Thu Jun 6 17:23:51 PDT 2024

================
@@ -0,0 +1,2233 @@
+//===-- NumericalStabilitySanitizer.cpp -----------------------------------===//
+//
+// Part of the LLVM Project, under the Apache License v2.0 with LLVM Exceptions.
+// See https://llvm.org/LICENSE.txt for license information.
+// SPDX-License-Identifier: Apache-2.0 WITH LLVM-exception
+//
+//===----------------------------------------------------------------------===//
+//
+// This file is a part of NumericalStabilitySanitizer.
+//
+//===----------------------------------------------------------------------===//
+
+#include "llvm/Transforms/Instrumentation/NumericalStabilitySanitizer.h"
+
+#include <cstdint>
+#include <unordered_map>
+
+#include "llvm/ADT/SmallPtrSet.h"
+#include "llvm/ADT/SmallString.h"
+#include "llvm/ADT/SmallVector.h"
+#include "llvm/ADT/Statistic.h"
+#include "llvm/ADT/StringExtras.h"
+#include "llvm/Analysis/CaptureTracking.h"
+#include "llvm/Analysis/TargetLibraryInfo.h"
+#include "llvm/Analysis/ValueTracking.h"

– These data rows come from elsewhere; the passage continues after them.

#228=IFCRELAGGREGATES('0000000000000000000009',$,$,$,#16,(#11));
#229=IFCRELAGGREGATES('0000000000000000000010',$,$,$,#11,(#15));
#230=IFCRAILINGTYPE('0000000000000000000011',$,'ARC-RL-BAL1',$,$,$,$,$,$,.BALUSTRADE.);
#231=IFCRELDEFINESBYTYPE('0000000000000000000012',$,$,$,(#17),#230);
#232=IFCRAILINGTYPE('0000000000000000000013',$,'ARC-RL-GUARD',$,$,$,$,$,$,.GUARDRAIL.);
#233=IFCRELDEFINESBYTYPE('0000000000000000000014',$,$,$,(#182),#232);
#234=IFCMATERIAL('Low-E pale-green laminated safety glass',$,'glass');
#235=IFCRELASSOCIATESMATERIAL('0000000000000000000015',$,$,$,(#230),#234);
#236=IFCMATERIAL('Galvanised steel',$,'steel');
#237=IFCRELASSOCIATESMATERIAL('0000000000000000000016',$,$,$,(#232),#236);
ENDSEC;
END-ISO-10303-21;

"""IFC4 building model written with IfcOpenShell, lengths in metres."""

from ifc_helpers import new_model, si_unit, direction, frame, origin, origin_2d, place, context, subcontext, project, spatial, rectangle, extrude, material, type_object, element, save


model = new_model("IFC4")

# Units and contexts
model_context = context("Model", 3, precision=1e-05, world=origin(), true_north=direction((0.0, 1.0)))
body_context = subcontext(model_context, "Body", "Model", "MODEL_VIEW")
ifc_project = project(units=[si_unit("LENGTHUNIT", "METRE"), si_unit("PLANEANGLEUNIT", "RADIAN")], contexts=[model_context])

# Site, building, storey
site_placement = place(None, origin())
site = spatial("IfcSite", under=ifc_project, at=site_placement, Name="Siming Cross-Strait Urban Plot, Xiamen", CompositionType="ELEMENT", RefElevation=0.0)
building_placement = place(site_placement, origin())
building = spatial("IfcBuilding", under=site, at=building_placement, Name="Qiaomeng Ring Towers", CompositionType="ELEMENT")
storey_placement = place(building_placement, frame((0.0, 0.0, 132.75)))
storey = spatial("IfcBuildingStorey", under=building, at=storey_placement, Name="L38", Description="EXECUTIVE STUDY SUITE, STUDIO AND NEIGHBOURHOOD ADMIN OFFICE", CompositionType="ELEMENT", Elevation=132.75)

+#include "llvm/IR/DataLayout.h"
+#include "llvm/IR/Function.h"
+#include "llvm/IR/IRBuilder.h"
+#include "llvm/IR/IntrinsicInst.h"
+#include "llvm/IR/Intrinsics.h"
+#include "llvm/IR/LLVMContext.h"
+#include "llvm/IR/Metadata.h"
+#include "llvm/IR/Module.h"
+#include "llvm/IR/Type.h"
+#include "llvm/InitializePasses.h"
+#include "llvm/ProfileData/InstrProf.h"
+#include "llvm/Support/CommandLine.h"
+#include "llvm/Support/Debug.h"
+#include "llvm/Support/MathExtras.h"
+#include "llvm/Support/Regex.h"
+#include "llvm/Support/raw_ostream.h"
+#include "llvm/Transforms/Instrumentation.h"

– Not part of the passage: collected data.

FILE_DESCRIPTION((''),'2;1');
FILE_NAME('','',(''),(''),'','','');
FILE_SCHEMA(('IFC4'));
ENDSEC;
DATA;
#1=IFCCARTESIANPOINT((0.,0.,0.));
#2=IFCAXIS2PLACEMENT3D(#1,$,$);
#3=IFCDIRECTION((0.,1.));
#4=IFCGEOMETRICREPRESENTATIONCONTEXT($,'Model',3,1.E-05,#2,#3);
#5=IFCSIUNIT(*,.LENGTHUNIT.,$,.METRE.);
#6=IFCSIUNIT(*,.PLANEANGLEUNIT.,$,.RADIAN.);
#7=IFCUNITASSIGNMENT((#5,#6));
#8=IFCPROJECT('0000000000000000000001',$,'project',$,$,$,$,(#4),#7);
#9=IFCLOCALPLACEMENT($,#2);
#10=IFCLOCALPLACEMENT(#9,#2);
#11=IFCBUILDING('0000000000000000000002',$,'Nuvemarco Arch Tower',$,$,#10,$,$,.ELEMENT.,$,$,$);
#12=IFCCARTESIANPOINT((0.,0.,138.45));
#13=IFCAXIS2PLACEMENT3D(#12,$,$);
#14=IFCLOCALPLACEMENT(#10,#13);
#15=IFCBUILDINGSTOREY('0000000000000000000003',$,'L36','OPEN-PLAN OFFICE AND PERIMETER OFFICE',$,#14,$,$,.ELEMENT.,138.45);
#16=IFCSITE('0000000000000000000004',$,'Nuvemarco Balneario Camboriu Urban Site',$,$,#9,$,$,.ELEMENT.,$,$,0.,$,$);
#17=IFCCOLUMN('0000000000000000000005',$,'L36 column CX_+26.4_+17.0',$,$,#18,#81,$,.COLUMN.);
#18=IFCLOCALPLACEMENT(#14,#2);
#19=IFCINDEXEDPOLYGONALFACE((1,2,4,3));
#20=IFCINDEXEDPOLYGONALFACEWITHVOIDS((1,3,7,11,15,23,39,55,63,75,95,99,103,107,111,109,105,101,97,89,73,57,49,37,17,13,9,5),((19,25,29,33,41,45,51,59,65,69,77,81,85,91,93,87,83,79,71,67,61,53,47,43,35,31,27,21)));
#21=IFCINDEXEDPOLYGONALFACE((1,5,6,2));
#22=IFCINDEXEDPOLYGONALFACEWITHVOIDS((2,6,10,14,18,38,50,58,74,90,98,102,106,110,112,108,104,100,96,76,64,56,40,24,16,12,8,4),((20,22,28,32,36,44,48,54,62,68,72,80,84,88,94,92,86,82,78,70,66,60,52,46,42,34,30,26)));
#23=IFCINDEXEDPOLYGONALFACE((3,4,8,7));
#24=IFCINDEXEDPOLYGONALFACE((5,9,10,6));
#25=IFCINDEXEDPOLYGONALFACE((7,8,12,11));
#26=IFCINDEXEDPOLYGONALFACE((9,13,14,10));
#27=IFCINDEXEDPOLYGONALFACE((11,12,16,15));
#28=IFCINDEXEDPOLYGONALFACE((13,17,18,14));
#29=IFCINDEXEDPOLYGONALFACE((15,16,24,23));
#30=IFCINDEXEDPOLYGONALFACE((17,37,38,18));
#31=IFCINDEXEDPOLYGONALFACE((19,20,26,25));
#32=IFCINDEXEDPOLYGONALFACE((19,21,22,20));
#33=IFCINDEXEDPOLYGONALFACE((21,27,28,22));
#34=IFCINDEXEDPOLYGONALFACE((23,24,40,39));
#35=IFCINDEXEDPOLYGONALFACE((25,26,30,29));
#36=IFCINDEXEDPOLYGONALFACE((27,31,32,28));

+#include "llvm/Transforms/Utils/BasicBlockUtils.h"
+#include "llvm/Transforms/Utils/EscapeEnumerator.h"
+#include "llvm/Transforms/Utils/Local.h"
+#include "llvm/Transforms/Utils/ModuleUtils.h"
+
+using namespace llvm;
+
+#define DEBUG_TYPE "nsan"
+
+STATISTIC(NumInstrumentedFTLoads,
+          "Number of instrumented floating-point loads");
+
+STATISTIC(NumInstrumentedFTCalls,
+          "Number of instrumented floating-point calls");
+STATISTIC(NumInstrumentedFTRets,
+          "Number of instrumented floating-point returns");
+STATISTIC(NumInstrumentedFTStores,
+          "Number of instrumented floating-point stores");
+STATISTIC(NumInstrumentedNonFTStores,
+          "Number of instrumented non floating-point stores");
+STATISTIC(
+    NumInstrumentedNonFTMemcpyStores,
+    "Number of instrumented non floating-point stores with memcpy semantics");
+STATISTIC(NumInstrumentedFCmp, "Number of instrumented fcmps");
+
+// Using smaller shadow types types can help improve speed. For example, `dlq`
+// is 3x slower to 5x faster in opt mode and 2-6x faster in dbg mode compared to
+// `dqq`.
+static cl::opt<std::string> ClShadowMapping(
+    "nsan-shadow-type-mapping", cl::init("dqq"),
+    cl::desc("One shadow type id for each of `float`, `double`, `long double`. "
+             "`d`,`l`,`q`,`e` mean double, x86_fp80, fp128 (quad) and "
+             "ppc_fp128 (extended double) respectively. The default is to "
+             "shadow `float` as `double`, and `double` and `x86_fp80` as "
+             "`fp128`"),
+    cl::Hidden);
+
+static cl::opt<bool>
+    ClInstrumentFCmp("nsan-instrument-fcmp", cl::init(true),
+                     cl::desc("Instrument floating-point comparisons"),
+                     cl::Hidden);
+
+static cl::opt<std::string> ClCheckFunctionsFilter(
+    "check-functions-filter",
+    cl::desc("Only emit checks for arguments of functions "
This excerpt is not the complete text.